24H1's main products still maintain high potential, and the profit side contributes elasticity driven by the upward shift in the structure of fine wine products and optimization of production capacity. Looking ahead to 24H2, the company will strengthen its fine operation capabilities through the division, and Zhen30 is expected to accelerate sequentially; at the same time, the company's launch of high-end banquet scene products (Treasures) is expected to contribute additional growth.

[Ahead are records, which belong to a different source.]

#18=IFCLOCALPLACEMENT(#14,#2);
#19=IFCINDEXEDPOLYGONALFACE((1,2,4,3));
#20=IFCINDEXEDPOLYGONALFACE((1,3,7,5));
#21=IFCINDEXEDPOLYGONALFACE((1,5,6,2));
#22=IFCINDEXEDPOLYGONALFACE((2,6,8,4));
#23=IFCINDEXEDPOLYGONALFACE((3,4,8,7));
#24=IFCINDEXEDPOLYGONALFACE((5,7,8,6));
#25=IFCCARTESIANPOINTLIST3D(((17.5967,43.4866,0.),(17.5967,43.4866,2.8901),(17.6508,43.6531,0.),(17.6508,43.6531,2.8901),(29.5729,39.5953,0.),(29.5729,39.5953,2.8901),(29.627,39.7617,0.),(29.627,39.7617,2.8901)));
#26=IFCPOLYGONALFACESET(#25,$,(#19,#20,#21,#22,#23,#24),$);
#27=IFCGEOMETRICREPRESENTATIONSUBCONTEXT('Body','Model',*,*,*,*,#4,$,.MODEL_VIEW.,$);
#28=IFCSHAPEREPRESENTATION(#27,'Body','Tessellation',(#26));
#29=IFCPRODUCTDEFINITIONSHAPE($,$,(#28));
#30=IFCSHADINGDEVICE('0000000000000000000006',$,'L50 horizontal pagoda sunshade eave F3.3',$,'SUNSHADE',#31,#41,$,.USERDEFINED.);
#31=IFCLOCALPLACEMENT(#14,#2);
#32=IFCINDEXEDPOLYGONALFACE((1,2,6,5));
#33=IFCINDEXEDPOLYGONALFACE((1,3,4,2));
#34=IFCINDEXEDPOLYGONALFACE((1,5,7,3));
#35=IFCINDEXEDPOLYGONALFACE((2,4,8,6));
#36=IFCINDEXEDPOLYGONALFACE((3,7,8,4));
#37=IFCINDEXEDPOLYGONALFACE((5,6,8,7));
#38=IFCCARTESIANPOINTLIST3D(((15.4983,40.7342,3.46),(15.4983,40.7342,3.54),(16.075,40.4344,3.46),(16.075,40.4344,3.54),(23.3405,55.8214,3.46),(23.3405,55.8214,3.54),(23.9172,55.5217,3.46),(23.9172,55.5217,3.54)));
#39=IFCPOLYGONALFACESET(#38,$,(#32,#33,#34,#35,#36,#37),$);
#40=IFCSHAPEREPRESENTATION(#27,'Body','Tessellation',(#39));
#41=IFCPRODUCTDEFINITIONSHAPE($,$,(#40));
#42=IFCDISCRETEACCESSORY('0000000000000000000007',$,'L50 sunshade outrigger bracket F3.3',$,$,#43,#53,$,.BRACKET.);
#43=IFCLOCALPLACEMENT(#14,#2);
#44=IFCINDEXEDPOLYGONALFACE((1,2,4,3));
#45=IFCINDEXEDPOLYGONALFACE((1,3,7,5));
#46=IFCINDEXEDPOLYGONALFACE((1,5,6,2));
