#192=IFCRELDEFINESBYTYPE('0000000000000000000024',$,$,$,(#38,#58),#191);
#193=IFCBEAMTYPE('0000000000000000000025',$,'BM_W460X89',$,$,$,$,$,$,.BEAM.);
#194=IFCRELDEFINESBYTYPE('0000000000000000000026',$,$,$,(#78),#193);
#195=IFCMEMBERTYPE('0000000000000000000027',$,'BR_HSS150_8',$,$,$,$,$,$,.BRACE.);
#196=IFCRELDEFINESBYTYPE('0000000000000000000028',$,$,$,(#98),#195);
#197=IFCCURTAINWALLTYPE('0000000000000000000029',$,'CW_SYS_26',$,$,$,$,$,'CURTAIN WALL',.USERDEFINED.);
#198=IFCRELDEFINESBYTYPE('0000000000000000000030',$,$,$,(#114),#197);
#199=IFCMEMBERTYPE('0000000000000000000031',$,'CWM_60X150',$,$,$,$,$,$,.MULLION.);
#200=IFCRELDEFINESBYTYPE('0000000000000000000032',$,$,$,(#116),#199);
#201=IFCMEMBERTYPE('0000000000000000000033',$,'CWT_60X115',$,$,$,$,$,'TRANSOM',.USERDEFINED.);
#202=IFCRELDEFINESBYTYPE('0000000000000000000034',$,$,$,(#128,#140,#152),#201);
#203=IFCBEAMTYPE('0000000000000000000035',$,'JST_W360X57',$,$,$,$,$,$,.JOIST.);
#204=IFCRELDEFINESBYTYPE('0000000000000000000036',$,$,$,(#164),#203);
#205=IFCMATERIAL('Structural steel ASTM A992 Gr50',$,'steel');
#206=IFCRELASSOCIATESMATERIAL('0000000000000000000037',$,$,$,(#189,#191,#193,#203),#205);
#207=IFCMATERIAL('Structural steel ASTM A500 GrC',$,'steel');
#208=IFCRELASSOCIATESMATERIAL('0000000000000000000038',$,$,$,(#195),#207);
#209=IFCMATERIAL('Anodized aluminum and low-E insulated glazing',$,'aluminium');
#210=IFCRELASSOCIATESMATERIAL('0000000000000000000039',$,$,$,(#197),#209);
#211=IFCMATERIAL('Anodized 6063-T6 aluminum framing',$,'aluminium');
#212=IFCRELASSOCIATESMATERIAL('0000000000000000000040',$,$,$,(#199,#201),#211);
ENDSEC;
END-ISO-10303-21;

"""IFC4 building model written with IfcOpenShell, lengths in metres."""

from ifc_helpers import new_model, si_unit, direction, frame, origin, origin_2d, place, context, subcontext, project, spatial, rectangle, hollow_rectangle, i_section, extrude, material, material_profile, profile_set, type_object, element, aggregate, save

Profit forecast: Taking into account the company's increased profitability and equity incentive expenses, we kept our revenue forecast unchanged and adjusted the profit forecast slightly. In 2024-2026, the company is expected to achieve total operating income of 8.47/10.04/11.91 billion yuan, +20.4%/+18.6% YoY; achieve net profit of 1.67/2.15/2.7 billion yuan (previous value 1.84/2.25/2.78 billion yuan), -28.3%/+28.5%/+26.0% YoY, corresponding to adjusted net profit of 2.07/55/2.3.1 billion yuan, year-on-year + 27.5%/+23.0%/+21.9%; the adjusted net profit PE corresponding to the current stock price is 11.4/9.3/7.6 times, respectively, maintaining the “buy” rating.

Risk warning:

Demand falls short of expectations, market competition intensifies, new product promotion falls short of expectations, food safety incidents.

The translation is provided by third-party software.